By 2019 I had confused myself with all of the above papers, leading to this post:

tfw you mix up Glushkov’s construction with Brzozowski’s derivatives, amirite?

no? that’s just me?

That post led Magnus Holm to create a neat parser generator for context-free grammars called Glush. That’s probably the most value for the world of any shitpost I’ve written.

The “dot” notation I used to illustrate marks in this post is the same as notation commonly used to describe Earley parsing. I believe, but have not yet demonstrated, that Earley parsing can be extended with semiring weights in the same way that “A Play on Regular Expressions” did for Glushkov’s construction. Such a parser should be in the same complexity class as Earley parsers: linear-time when used on regular languages; quadratic on unambiguous context-free grammars; and worst-case cubic on ambiguous context-free grammars. As a result my hypothesis is that the ideal implementation of a weighted parsing library would be based on the Earley algorithm, subsuming the need for a regex-only library. Proof of this hypothesis is left as an exercise for the reader.
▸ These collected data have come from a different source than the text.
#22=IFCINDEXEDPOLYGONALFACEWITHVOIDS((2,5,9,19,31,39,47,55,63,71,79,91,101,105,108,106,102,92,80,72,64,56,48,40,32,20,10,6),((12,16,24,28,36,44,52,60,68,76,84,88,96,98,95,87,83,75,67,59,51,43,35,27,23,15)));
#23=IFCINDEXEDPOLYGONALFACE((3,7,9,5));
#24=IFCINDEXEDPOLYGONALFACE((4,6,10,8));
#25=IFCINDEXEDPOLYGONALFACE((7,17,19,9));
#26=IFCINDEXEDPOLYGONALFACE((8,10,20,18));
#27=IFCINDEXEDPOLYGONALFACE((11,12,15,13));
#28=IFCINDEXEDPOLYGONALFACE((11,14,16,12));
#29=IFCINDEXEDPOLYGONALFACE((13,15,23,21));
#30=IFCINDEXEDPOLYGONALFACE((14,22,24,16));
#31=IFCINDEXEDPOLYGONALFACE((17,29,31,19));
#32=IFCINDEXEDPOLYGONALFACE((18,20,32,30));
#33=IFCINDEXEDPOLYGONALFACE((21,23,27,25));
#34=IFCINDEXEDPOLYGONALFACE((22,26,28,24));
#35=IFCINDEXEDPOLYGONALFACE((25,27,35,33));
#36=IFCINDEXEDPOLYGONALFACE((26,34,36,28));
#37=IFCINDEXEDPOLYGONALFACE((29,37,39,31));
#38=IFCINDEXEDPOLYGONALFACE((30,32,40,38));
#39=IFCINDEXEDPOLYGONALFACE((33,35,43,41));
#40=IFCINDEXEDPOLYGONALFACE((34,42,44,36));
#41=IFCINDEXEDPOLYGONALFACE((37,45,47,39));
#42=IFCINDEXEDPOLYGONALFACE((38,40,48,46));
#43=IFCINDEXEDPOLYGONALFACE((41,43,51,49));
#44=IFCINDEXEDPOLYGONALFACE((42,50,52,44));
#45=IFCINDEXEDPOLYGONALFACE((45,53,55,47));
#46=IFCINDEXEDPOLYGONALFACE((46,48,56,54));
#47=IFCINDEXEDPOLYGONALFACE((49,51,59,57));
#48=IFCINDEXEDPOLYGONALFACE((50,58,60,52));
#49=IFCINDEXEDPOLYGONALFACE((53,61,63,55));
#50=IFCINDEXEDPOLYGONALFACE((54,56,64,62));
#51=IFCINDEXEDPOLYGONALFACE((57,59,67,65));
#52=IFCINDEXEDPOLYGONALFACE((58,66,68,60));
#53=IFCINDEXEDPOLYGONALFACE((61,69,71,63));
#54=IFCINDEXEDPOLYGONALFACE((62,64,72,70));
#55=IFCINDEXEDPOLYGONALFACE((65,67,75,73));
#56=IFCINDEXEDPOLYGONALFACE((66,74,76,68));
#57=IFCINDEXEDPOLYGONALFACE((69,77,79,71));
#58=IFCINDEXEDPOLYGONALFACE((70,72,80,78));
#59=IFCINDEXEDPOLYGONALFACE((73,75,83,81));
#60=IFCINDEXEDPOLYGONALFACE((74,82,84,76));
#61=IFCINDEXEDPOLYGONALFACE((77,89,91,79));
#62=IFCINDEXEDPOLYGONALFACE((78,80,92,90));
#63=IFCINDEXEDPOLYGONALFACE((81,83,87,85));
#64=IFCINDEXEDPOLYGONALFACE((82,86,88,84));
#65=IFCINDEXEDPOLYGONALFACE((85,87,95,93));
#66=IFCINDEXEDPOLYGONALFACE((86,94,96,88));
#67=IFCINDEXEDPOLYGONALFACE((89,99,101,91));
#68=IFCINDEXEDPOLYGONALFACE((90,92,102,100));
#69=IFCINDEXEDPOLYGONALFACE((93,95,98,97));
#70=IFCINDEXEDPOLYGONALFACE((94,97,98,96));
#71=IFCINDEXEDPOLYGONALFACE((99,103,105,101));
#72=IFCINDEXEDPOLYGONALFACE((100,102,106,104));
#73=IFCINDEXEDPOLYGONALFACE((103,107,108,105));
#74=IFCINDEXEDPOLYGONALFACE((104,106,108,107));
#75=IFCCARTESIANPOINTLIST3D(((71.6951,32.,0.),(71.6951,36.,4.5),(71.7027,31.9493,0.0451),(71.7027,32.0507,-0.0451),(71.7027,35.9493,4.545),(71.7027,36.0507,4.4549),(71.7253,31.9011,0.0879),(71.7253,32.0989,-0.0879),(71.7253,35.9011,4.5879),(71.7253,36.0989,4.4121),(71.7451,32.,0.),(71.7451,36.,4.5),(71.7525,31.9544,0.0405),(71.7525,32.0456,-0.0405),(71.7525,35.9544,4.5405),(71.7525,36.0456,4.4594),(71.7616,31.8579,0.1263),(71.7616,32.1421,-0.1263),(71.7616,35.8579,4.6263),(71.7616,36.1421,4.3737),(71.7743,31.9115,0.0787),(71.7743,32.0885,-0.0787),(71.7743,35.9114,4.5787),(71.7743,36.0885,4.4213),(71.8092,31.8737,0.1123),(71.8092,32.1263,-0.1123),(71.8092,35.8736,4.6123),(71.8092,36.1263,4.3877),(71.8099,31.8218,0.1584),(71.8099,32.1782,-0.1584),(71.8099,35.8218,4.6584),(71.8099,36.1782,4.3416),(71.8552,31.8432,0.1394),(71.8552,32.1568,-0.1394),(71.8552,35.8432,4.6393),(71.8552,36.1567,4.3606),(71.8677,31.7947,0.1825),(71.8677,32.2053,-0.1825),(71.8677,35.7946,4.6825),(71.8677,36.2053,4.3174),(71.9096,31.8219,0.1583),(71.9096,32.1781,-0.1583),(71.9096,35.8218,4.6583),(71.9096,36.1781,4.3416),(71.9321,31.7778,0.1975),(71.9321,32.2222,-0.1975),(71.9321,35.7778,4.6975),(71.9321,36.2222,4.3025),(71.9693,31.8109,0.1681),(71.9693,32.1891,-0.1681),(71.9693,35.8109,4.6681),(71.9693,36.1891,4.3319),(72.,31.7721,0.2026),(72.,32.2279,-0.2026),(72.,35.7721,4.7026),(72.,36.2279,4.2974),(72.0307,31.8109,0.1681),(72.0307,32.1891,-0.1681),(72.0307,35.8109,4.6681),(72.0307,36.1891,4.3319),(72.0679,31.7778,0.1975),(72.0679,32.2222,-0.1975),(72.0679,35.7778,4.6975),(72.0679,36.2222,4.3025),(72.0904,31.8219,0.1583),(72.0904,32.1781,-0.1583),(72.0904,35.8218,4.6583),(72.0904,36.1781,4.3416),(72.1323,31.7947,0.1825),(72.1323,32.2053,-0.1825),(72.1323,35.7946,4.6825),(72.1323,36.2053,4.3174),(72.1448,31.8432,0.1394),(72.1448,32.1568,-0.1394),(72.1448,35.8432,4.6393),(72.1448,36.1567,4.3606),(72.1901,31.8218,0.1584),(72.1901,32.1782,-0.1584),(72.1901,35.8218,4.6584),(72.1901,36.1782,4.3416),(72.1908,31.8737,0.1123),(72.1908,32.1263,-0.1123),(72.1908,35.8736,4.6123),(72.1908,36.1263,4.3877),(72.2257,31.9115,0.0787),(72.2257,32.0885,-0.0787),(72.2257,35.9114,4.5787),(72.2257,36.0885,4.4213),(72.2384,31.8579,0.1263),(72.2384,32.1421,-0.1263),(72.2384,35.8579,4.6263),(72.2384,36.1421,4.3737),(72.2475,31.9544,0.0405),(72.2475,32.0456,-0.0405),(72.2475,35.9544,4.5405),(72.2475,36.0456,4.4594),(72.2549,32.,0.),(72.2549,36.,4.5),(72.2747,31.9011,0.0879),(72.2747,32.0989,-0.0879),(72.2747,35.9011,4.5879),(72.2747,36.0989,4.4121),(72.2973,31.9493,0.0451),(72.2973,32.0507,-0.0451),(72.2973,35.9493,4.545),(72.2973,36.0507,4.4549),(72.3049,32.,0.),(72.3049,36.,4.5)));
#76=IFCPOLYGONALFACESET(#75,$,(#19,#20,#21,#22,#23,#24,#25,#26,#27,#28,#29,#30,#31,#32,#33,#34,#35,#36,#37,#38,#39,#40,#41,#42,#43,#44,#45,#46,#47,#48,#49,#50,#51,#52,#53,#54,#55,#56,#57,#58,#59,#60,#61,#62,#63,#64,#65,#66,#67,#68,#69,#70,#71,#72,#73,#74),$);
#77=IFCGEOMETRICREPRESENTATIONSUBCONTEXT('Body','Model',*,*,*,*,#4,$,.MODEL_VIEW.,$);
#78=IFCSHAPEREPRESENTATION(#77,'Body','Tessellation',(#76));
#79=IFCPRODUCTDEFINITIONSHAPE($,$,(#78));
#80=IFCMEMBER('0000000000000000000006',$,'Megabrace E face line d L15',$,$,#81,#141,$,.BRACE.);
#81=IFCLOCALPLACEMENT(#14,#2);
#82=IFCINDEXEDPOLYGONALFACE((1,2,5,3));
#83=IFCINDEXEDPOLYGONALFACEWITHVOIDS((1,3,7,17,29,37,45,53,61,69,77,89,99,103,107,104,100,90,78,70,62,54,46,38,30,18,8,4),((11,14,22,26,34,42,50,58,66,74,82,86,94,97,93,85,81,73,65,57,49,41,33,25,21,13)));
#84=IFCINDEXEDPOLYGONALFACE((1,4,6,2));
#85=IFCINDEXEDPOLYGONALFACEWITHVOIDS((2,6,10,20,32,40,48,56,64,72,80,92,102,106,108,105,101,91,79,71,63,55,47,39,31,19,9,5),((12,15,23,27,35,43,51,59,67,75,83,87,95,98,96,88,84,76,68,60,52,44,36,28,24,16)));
Key tools for improving matching performance in regular expressions are conversion to a deterministic finite automaton (DFA), followed by DFA minimization. Determinizing and minimizing weighted automata is trickier, making it less obvious how to get optimal performance from a regular expression matcher that has been extended this way. One paper I was reading recently which might help is “Fast Coalgebraic Bisimilarity Minimization” by Jules Jacobs and Thorsten Wißmann. Additionally, they have a proof of concept Rust implementation called Boa.

Conclusion

It’s possible to parameterize a generic regular expression matcher over semiring-like operations. Simple boolean marks have a trivial implementation of the operations and allow simply checking whether the regular expression matched or not, just like any other regular expression matcher.

But by offering a parameterized interface, a regexp matching library can support some pretty wild use cases that are impractical or impossible with the regexp APIs in wide use today.

I’ve given one example: evaluating a regular expression that was written in terms of plaintext against a ciphertext in order to identify which cipher state can explain the observed ciphertext.

Another example which I won’t go into detail on today is incorporating the common notion of “capture groups” into a simpler matcher algorithm by representing them using appropriate weights. This requires a small extension to the interface to allow weights on epsilon transitions, not just when matching input. For some applications it also requires giving the developer more control over how ambiguous patterns are interpreted, via “greedy” versus “non-greedy” variants of operators, which in turn requires a notion of “match priority” that doesn’t fit in the framework of “A Play on Regular Expressions”.

Fortunately, weighted regular expressions are pretty easy to retrofit into the efficient matching algorithm described in “Regular Expression Matching: the Virtual Machine Approach”, by Russ Cox.

I’ve written a demo implementation of the Pike-style VM approach with capture groups, as described by Cox, in a Rust crate called pikevm. I’ve also written a demo of weighted regular expression matching in a Pike-style VM, in an independent Rust crate called parsink. Combining the two and making them into a robust and usable library is left as future work.

I hope this post has broadened your view of the situations where regular expressions might be a good tool. And I especially hope to see new, more flexible, tools emerge for extracting information from text based on formal language theory.